Prior to the 1970s, we did not have special education in the USA. Two legal cases from the early 1970s, Pennsylvania Assn. for Retarded Children v. Commonwealth of Pennsylvania (PARC) and Mills v. Board of Education of District of Columbia, paved the way for more laws that have led to what we know today as special education. In 1972, Congress decided to investigate how children with disabilities were living and found many problems, including lack of education. In 1975, they passed The Education for All Handicapped Children Act. Congress has since amended and added to it and renamed it IDEA, The Individuals with Disabilities Education Act.

Since 1975, more and more children are now educated in schools and, in order to do so, many changes have been made to medical and educational diagnoses for behavior and disabilities.  When I was a young child, in the early 1970s, we did not find any children with disabilities in the schools. My mother paid for private tutoring for my brother, who had a mild reading issue. There was no reading specialist in schools. Children with severe disabilities were institutionalized and children with mild disabilities struggled and often dropped out of school. Children with behavior issues fared poorly in school. Many school-related issues were blamed on the child or on parenting practices. All that has changed, thanks to IDEA, including the labels we give to children to enable them to get the services they need.
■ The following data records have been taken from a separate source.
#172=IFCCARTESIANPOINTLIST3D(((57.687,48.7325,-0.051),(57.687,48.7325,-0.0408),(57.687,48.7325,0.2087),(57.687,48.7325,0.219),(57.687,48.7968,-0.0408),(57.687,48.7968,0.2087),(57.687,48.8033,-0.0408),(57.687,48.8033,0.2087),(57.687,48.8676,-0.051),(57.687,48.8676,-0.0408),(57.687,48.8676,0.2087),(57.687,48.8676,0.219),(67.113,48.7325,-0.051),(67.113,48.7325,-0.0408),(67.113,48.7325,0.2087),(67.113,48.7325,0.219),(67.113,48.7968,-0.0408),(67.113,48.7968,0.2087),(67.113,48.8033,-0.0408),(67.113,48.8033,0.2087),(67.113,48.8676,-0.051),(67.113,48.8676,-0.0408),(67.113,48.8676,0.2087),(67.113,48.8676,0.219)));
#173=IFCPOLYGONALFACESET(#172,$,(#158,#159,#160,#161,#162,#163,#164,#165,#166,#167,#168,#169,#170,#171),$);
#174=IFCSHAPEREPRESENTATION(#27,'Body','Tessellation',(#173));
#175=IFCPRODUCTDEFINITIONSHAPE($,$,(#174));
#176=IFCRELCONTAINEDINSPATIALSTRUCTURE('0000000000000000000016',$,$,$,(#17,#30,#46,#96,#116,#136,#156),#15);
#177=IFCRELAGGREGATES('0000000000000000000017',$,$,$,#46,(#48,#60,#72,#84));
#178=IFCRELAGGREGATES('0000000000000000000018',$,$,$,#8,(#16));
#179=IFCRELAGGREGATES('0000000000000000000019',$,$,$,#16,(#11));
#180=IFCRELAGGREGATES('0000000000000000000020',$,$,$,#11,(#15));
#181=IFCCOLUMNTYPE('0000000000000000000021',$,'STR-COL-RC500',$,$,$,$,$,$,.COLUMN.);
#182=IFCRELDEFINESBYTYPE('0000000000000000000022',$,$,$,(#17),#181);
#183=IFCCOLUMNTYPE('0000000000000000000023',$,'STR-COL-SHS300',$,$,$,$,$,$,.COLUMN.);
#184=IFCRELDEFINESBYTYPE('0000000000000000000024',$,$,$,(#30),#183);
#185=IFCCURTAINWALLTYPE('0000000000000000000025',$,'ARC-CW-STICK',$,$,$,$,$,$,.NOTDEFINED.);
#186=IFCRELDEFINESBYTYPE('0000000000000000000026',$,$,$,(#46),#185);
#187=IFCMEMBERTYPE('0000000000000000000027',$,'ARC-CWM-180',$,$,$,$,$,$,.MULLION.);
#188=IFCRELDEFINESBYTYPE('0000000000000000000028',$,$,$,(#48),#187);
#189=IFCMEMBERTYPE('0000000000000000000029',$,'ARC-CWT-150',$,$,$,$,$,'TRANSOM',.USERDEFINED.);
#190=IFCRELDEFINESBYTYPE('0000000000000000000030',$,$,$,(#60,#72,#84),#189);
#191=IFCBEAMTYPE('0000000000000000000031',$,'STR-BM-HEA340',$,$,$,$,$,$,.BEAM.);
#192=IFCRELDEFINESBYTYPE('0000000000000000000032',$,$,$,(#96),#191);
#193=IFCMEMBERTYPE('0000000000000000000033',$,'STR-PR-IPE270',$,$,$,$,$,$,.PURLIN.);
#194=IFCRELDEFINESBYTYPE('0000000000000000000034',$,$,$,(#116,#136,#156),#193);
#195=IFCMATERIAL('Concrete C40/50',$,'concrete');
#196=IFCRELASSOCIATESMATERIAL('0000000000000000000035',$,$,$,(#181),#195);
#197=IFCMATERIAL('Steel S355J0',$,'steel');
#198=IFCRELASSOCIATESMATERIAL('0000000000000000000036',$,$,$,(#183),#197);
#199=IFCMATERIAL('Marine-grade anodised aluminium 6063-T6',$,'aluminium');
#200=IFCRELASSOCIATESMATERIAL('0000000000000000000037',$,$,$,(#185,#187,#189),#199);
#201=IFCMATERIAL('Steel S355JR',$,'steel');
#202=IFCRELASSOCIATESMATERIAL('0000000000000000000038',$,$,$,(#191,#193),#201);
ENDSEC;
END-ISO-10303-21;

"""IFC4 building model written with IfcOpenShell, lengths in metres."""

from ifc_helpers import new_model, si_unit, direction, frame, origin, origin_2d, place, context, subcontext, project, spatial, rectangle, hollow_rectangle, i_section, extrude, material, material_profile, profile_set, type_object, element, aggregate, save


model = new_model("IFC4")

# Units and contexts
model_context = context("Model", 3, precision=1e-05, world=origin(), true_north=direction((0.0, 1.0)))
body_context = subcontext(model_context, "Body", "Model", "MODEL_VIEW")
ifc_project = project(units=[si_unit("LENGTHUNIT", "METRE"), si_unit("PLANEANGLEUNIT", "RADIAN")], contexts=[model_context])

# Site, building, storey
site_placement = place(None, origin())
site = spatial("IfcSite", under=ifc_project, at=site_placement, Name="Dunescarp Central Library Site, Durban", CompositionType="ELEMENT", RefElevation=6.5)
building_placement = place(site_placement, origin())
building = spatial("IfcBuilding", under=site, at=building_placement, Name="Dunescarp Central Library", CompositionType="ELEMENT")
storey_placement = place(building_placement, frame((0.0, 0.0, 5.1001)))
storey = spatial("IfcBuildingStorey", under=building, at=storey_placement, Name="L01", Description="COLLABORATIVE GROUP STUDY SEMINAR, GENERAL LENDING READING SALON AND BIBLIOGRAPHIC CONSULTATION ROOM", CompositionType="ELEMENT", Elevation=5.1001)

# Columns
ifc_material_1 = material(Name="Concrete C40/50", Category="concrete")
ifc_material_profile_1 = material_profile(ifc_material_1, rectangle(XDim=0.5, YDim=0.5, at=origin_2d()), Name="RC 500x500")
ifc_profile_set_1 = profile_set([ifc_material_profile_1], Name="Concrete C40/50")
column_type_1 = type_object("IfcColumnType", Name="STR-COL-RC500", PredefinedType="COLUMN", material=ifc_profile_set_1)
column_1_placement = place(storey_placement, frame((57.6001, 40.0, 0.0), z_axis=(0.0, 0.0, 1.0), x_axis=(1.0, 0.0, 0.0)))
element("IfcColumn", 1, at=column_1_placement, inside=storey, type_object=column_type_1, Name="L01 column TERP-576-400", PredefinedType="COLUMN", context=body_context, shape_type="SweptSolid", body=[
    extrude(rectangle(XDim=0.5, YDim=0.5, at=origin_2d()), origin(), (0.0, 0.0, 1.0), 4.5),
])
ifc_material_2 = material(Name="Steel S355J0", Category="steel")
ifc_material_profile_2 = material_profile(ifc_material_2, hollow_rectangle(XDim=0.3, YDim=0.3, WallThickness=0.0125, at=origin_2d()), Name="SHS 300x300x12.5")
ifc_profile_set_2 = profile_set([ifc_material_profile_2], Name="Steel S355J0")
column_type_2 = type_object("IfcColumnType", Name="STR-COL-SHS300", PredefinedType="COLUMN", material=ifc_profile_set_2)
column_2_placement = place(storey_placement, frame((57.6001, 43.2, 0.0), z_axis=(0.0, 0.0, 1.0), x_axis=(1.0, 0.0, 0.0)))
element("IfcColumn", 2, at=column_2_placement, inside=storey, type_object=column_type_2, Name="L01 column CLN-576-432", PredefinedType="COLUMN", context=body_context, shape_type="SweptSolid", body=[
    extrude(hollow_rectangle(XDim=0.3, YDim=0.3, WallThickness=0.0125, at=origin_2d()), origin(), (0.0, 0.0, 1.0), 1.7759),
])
Before IDEA, a diagnosis of autism was rare. More likely, children with severe symptoms were labelled “mentally retarded” or “schizophrenic.” Yes, you read that correctly. Please continue to read as I explain.

In an analysis of the prevalence of mental retardation, Dutch epidemiologists Roeleveld and Zilhuis looked at rates for severe MR as well as mild from 1939 through 1986. They concluded, from looking at data from many countries, including USA, that the rate of mental retardation in children was 3%.
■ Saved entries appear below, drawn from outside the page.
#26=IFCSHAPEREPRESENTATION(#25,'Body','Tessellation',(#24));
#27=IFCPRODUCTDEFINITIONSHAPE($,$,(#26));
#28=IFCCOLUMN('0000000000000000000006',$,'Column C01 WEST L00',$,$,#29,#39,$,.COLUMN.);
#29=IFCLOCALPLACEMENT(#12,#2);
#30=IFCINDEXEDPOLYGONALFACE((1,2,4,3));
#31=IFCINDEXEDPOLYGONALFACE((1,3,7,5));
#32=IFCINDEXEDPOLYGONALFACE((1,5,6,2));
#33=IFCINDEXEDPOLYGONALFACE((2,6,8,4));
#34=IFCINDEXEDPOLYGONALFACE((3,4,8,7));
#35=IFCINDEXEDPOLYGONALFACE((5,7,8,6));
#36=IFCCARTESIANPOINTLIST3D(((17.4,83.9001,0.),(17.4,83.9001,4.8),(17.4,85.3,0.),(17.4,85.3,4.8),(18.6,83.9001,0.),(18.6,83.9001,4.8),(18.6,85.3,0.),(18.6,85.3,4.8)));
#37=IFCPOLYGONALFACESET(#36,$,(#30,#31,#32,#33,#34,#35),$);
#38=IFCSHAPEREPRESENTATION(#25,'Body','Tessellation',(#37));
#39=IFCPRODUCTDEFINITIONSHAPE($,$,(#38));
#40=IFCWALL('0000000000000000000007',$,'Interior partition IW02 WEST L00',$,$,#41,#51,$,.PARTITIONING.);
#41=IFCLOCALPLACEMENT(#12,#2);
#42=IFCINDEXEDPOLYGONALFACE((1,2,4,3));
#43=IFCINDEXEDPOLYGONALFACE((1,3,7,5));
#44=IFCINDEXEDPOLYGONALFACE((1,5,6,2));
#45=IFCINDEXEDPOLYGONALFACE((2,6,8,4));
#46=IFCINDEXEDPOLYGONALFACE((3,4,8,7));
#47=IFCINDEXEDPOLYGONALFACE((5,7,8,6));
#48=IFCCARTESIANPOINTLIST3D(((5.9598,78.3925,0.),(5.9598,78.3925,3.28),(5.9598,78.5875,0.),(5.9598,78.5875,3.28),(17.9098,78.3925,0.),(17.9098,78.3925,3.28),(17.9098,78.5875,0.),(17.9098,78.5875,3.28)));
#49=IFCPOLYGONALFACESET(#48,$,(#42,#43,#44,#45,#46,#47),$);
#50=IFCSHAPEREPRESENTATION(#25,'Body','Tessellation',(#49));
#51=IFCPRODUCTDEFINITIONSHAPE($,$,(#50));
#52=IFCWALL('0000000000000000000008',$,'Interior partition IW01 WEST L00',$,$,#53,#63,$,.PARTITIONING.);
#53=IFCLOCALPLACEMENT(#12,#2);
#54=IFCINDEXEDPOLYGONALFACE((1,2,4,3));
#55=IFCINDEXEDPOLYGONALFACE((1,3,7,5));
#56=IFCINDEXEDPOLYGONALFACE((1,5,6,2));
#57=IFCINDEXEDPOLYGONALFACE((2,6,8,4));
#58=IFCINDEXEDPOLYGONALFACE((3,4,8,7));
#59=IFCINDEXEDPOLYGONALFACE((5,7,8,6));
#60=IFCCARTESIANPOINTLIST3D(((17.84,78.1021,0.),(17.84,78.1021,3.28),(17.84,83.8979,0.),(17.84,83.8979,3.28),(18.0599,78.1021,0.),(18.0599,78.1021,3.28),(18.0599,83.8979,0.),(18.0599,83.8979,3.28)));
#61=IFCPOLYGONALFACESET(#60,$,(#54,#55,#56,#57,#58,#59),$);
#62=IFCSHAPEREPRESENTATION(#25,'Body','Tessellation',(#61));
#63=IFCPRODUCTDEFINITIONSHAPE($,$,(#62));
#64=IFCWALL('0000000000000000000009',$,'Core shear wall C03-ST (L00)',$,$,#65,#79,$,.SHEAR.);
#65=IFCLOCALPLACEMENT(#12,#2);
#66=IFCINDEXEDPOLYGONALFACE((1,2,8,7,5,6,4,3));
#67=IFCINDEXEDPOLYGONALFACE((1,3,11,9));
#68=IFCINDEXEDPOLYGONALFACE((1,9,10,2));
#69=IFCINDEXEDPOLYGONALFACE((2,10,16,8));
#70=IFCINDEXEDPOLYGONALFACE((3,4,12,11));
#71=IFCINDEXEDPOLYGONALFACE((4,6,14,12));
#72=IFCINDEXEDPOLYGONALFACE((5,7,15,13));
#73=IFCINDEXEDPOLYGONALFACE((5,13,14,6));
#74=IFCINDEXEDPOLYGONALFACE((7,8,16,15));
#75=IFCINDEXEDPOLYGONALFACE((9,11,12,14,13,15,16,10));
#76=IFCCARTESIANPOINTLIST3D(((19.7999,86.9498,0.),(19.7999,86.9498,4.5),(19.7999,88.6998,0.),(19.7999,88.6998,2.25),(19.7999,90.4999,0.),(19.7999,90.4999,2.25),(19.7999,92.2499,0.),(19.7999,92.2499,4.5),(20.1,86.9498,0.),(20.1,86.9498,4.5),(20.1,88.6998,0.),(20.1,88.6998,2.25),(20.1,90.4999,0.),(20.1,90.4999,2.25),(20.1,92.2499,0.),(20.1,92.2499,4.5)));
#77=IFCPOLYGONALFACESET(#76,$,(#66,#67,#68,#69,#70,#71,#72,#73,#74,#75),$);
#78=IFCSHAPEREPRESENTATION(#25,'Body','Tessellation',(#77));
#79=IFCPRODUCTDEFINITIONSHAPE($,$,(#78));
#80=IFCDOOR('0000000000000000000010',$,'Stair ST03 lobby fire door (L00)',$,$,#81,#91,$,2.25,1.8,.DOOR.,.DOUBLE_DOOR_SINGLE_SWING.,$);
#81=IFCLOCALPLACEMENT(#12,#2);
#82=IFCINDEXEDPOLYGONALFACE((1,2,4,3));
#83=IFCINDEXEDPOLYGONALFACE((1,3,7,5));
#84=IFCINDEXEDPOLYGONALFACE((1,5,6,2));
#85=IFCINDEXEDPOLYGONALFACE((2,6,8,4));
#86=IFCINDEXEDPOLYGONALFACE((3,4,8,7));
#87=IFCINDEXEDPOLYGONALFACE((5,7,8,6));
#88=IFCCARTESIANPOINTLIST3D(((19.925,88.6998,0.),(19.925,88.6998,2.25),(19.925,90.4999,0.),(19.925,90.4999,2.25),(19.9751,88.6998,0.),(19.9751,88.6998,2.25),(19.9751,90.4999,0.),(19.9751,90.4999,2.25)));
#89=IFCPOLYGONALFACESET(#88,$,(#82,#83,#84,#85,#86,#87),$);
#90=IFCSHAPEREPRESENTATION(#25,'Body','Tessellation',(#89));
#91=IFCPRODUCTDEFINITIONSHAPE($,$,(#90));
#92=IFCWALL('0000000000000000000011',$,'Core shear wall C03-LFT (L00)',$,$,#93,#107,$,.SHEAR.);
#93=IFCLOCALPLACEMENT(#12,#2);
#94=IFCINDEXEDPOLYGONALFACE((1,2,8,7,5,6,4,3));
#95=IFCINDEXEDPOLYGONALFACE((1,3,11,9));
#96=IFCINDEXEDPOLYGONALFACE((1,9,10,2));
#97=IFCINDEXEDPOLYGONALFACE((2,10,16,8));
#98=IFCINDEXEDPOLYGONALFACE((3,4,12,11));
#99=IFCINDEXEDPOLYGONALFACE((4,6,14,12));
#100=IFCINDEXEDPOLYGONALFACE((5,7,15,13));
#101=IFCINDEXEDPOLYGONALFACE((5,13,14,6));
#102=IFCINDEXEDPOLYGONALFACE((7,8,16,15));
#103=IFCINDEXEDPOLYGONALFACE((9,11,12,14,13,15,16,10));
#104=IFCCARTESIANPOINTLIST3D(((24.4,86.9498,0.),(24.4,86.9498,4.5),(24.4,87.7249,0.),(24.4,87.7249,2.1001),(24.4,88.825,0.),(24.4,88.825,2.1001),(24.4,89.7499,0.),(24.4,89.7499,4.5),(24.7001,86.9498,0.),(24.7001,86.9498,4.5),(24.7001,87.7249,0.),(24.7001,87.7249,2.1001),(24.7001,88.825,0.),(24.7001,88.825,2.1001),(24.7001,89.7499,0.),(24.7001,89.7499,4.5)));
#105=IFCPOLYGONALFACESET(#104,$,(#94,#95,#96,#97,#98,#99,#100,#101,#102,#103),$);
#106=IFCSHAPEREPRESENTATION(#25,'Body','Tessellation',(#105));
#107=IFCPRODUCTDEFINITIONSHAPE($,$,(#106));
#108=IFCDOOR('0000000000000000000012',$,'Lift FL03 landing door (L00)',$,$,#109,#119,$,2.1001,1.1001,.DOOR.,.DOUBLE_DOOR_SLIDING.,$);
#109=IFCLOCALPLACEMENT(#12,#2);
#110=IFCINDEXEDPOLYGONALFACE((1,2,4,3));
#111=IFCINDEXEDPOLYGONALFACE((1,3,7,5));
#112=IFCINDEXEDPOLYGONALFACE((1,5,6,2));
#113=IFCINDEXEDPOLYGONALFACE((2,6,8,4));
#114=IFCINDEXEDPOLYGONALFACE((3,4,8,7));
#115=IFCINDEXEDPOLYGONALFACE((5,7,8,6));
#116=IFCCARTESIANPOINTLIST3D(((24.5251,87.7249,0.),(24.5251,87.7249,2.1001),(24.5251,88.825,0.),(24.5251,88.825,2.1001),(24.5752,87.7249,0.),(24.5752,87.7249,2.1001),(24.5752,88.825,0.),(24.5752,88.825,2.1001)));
Now, look at the graph below. Yes, I know some of you don’t like Autism Speaks, but I am using this graph to make a point. The rate of autism appears to have risen dramatically since 1975. But, Autism Speaks published this graph and stated “approximately 53% percent of the increase in autism prevalence over time may be explained by changes in diagnosis (26%), greater awareness (16%), and an increase in parental age (11%).”  They acknowledge how the increase has many factors behind it.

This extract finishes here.